# Something You Don't Hear Everyday



## DaveM (Jun 29, 2015)

There is a new crime-thriller Netflix series called Ozark that started only a few days ago, but while on vacation, I binge-watched the entire 10 episodes in 3-4 days. (No spoilers ahead.) At the end of the final episode, a man has a radio playing and the Adagio of Beethoven's 2nd Piano Concerto starts playing from the beginning. 
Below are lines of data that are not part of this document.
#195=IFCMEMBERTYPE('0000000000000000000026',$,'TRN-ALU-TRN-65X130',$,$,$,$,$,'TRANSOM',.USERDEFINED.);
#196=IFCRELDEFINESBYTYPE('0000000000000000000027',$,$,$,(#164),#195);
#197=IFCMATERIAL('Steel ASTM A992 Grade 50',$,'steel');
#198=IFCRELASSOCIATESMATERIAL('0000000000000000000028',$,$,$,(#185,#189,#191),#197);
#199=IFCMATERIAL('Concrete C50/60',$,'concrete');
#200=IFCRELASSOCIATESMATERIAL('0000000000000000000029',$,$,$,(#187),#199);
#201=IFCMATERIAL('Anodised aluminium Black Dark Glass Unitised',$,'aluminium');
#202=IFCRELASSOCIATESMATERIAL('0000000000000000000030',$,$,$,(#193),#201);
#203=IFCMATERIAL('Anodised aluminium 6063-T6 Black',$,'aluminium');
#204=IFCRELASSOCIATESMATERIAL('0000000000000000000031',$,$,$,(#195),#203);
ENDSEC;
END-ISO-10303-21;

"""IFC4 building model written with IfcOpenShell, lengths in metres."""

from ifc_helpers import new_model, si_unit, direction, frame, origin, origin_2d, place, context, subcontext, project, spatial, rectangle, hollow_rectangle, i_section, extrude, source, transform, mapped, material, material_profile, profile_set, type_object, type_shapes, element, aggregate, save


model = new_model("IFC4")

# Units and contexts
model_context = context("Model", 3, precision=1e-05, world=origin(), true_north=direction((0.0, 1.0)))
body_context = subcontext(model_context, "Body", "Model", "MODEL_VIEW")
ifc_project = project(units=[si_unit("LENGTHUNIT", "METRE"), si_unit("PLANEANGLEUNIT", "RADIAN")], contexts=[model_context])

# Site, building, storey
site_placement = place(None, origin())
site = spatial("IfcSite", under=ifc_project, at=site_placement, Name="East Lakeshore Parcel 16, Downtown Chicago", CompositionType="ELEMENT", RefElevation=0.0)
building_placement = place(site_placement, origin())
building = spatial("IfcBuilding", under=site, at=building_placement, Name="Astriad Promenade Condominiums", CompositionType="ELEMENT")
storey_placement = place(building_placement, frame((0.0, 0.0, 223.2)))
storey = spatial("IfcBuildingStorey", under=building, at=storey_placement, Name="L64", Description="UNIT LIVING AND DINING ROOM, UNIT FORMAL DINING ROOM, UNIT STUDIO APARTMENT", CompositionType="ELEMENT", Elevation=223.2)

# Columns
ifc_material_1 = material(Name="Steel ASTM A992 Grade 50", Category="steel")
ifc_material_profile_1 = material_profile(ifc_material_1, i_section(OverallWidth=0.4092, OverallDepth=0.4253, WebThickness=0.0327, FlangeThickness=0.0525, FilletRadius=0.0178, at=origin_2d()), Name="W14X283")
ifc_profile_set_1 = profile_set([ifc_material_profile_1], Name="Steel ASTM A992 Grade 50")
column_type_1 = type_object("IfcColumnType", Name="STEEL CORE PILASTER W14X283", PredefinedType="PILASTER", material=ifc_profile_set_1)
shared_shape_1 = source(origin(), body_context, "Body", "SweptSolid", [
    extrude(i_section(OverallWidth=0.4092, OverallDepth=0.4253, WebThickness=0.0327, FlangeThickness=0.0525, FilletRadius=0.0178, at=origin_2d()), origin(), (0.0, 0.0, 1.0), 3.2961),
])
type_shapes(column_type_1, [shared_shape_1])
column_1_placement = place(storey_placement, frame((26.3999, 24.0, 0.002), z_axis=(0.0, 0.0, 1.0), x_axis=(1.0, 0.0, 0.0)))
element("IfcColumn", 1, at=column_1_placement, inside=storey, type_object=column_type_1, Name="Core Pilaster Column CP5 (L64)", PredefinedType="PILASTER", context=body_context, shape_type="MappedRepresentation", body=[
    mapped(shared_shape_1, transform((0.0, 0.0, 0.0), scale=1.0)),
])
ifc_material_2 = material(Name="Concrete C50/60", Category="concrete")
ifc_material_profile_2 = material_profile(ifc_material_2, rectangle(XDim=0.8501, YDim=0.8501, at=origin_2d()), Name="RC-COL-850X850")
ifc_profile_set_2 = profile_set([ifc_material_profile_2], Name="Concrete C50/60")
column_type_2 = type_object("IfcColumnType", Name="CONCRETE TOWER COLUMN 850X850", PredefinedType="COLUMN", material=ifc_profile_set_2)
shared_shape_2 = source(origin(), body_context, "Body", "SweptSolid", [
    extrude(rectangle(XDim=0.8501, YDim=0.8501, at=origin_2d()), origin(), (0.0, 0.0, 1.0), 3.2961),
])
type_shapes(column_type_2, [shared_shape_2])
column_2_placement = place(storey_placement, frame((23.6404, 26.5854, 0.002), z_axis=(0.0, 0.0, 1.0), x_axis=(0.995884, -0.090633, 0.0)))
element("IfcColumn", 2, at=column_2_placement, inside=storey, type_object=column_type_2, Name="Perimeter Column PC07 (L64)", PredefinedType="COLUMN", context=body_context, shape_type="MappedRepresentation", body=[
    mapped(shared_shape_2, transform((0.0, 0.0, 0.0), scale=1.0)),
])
Even though, the storyline continues on to other places and characters, the Adagio continues to its conclusion at the end of the episode. It's incredibly beautiful and even though one has probably heard this work dozens of times, it is a reminder of what special music this is, especially when you hear the entire movement associated unexpectedly with this kind of storyline.


----------



## Oldhoosierdude (May 29, 2016)

We found this series on Netflix also. It is well done.


----------



## brianvds (May 1, 2013)

Beethoven's first period works are often overlooked. The second piano concerto (which was actually written first, as I recall) particularly. I actually like it more than no. 1.


----------



## DaveM (Jun 29, 2015)

brianvds said:


> Beethoven's first period works are often overlooked. The second piano concerto (which was actually written first, as I recall) particularly. I actually like it more than no. 1.


Yes, his first, written mainly as a late teenager, but not fully completed until a few years later.


----------